# slight radiator leak



## Bigplanz (Apr 10, 2009)

95 villager. I pressure tested the cooling system and have a leaking seam on the bottom near the hose connector. I will replace the radiator in the spring, but want a temp repair until then. Jb weld? A little hot glue or 80 W plaster welder? Any suggestions? It's drip drip, not spew.


----------



## Bondo (Dec 8, 2007)

Bigplanz said:


> 95 villager.* I pressure tested the cooling system and have a leaking seam on the bottom near the hose connector. I will replace the radiator in the spring,* but want a temp repair until then. Jb weld? A little hot glue or 80 W plaster welder? Any suggestions? It's drip drip, not spew.


Ayuh,.... Yer gonna be replacin' it much sooner than next Spring,...... 

Been there, tried that, seen 100s of 'em,....

Order the radiator, 'n drop in a can of stop-leak, it might last til the new one gets here,....


----------



## Bigplanz (Apr 10, 2009)

That's sort of what I figured. New one from rockauto is $94, shipping included. Pay day is Friday!


----------



## rusty baker (Feb 13, 2009)

I have used stop leak and had it last for years.


----------



## Bigplanz (Apr 10, 2009)

I will give stop leak a try. Hate pouring stuff in the rad, though. People at stop light give we envious looks though, with all that pretty white steam pouring out from under the van.


----------



## 1985gt (Jan 8, 2011)

Bars leak is a good one. Worked for a long time for me.


----------



## rustyjames (Jul 20, 2008)

I would loosen the radiator cap so it can't build pressure, it's worked for me in the past, this time of year you should be fine.


----------



## Bondo (Dec 8, 2007)

Ayuh,.... Bars leak is My go to for leaks, til ya can get the parts,...
A 1 more lap kinda thing,....

The cap loose is another good trick, no pressure, less leakage,....

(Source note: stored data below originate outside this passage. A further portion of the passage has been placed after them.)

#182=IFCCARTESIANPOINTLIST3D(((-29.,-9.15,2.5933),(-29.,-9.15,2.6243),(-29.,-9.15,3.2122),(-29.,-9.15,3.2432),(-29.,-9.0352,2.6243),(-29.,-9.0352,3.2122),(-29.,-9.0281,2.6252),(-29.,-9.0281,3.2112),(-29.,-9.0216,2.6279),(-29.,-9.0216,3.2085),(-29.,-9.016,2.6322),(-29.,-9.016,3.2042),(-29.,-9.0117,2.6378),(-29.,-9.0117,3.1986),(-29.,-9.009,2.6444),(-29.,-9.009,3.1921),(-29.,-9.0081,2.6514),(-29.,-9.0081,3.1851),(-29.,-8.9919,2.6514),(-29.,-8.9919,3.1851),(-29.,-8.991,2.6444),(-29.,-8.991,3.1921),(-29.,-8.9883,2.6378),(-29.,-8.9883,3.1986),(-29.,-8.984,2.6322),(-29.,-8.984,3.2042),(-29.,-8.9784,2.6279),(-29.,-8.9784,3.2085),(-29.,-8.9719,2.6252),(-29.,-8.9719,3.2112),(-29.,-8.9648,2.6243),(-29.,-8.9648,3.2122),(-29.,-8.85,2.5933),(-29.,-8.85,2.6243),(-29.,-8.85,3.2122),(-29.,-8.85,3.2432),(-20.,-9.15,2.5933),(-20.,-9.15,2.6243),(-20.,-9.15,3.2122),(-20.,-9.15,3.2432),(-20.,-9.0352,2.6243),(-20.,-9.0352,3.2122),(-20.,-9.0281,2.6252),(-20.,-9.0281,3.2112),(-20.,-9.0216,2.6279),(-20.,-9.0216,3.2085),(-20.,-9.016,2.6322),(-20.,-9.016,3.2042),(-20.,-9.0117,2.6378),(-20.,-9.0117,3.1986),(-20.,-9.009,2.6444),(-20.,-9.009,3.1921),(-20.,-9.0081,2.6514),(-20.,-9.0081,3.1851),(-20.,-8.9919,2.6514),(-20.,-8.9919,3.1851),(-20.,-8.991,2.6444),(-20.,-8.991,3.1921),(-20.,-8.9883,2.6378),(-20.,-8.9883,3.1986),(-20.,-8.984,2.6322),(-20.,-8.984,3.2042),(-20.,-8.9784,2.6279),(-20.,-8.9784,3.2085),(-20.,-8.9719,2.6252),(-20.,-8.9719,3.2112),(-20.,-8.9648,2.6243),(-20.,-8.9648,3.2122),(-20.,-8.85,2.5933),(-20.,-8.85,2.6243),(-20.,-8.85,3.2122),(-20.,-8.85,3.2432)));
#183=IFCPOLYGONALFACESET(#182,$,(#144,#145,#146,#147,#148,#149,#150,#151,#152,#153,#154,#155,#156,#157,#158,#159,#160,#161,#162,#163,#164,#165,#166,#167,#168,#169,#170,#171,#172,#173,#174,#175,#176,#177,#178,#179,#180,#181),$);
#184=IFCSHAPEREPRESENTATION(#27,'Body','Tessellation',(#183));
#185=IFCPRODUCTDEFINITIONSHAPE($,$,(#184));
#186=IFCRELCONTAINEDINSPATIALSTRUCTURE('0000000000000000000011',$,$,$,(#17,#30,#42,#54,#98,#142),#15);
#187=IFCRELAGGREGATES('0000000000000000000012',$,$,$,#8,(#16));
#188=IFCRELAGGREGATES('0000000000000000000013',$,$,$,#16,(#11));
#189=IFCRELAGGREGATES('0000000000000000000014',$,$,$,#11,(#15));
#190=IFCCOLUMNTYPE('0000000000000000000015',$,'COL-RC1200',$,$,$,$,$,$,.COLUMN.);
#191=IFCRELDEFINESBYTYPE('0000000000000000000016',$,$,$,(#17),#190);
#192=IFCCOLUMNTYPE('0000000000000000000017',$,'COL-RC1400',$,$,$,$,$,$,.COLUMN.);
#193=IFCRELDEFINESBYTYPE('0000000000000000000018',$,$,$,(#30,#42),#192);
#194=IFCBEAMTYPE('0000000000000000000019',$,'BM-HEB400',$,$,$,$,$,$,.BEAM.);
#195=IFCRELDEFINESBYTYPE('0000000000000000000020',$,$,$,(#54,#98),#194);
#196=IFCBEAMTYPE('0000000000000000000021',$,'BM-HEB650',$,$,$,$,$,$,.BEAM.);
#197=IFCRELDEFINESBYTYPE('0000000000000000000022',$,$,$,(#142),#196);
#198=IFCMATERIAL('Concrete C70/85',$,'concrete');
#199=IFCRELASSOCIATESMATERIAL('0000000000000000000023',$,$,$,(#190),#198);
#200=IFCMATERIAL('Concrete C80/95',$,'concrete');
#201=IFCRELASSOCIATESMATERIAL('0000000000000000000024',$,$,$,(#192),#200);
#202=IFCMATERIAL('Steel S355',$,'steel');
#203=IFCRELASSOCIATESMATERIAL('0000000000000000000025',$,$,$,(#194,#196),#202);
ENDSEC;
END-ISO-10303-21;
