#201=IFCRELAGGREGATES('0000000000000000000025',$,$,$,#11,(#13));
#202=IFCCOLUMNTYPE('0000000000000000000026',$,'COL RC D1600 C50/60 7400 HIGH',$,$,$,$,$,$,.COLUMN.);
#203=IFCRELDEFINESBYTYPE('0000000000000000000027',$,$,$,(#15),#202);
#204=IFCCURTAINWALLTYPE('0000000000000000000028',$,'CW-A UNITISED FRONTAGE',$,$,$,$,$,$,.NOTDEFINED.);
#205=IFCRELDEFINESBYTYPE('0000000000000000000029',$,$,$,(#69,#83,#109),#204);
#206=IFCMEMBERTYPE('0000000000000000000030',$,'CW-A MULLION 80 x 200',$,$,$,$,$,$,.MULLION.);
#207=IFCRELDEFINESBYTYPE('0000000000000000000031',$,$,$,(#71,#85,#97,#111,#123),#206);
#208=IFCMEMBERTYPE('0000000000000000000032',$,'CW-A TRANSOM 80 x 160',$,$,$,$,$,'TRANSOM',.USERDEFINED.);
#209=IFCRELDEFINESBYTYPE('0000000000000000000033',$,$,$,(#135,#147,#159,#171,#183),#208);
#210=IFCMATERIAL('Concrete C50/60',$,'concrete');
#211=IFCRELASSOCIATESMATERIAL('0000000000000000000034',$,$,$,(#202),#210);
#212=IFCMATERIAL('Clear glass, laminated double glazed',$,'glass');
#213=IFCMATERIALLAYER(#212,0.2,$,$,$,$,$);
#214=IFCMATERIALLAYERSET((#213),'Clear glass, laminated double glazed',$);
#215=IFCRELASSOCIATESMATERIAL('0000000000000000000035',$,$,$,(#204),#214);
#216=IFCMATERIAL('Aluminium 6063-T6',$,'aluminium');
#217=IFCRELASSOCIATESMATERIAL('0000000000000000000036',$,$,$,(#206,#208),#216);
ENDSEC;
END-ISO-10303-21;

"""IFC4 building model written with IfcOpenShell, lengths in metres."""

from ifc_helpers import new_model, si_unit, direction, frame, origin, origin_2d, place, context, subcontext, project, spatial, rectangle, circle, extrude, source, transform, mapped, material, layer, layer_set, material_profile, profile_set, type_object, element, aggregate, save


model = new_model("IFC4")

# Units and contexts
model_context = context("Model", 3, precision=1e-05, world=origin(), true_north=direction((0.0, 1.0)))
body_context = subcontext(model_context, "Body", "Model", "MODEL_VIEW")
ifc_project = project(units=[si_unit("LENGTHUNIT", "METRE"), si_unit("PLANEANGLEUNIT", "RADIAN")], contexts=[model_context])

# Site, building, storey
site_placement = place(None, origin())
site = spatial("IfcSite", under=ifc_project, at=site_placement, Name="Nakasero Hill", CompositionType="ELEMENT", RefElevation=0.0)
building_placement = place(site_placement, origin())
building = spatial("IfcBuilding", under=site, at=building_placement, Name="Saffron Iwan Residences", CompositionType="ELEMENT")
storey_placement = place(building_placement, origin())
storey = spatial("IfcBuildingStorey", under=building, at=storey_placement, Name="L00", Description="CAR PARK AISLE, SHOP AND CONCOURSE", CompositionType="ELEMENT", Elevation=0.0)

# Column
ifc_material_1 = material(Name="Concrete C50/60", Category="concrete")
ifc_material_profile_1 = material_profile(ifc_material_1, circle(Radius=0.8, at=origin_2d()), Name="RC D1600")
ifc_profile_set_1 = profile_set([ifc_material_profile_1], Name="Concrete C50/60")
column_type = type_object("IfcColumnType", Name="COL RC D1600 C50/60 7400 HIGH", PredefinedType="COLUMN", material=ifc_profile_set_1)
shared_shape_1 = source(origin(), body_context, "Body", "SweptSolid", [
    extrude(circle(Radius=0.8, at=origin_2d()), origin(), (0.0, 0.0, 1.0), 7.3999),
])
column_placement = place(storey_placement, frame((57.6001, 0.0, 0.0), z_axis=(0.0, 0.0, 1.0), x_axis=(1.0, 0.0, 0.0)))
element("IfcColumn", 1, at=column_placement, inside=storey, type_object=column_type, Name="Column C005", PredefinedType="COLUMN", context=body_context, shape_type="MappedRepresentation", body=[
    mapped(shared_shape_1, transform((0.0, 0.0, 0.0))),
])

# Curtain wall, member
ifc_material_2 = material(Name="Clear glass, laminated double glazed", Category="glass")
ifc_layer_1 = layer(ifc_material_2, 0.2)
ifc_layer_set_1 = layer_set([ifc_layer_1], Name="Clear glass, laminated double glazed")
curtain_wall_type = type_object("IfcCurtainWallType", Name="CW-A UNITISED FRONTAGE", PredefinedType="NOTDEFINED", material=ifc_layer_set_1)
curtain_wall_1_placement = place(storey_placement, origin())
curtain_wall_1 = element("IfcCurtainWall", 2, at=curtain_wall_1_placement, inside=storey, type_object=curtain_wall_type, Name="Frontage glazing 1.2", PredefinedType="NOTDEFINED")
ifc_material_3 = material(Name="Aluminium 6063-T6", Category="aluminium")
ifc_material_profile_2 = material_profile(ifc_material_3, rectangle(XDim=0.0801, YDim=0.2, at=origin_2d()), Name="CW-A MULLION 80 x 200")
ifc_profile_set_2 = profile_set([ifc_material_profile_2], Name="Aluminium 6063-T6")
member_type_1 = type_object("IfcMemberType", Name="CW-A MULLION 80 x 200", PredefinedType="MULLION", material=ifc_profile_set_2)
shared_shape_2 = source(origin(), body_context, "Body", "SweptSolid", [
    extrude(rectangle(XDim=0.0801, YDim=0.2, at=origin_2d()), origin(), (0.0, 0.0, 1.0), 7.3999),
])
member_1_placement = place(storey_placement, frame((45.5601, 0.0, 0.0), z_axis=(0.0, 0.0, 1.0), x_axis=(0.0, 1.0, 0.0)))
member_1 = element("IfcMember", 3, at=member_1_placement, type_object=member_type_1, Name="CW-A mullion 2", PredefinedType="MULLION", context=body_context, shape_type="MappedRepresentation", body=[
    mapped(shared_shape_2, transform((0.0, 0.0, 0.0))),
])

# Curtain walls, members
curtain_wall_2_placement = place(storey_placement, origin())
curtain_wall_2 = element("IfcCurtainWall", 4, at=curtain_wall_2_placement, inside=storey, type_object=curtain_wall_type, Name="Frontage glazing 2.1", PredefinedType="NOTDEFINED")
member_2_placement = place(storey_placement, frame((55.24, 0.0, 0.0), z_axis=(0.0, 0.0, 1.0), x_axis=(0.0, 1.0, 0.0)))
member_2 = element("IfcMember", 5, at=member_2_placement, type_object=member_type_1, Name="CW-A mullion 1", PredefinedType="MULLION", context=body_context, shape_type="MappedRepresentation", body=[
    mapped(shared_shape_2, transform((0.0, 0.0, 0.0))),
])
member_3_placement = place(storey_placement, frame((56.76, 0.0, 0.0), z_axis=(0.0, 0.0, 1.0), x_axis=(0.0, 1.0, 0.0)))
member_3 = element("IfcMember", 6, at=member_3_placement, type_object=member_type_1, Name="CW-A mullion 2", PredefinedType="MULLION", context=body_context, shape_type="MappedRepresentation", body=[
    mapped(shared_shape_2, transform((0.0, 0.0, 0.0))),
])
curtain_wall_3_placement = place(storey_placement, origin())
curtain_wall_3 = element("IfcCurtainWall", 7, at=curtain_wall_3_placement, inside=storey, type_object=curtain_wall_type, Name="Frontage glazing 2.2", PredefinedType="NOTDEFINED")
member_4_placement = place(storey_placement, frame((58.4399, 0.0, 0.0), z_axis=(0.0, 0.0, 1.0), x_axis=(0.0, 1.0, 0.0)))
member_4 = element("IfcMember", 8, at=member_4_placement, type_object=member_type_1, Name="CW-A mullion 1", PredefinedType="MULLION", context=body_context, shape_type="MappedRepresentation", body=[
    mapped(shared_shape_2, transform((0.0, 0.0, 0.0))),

The cab heater is _Usually_ the 1st to loose flow,....
So if it blows cold air, pull over, 'n fill it back up,...


----------



## Bigplanz (Apr 10, 2009)

I got the stuff that is in a cylinder and looks like pepper. Poured a half a can in and drove about 15 miles on the expressway. No steam when I got off. I will continue to monitor.


----------



## Bigplanz (Apr 10, 2009)

No more leaks so far. I may pressure test again but am inclined to let sleeping radiators lie.


----------



## rusty baker (Feb 13, 2009)

My old work van had a leak about the size of a pencil. One can of Bars Leak last summer and the leak was gone. Still holding.


----------



## ron45 (Feb 25, 2014)

Solder and plenty of flux


----------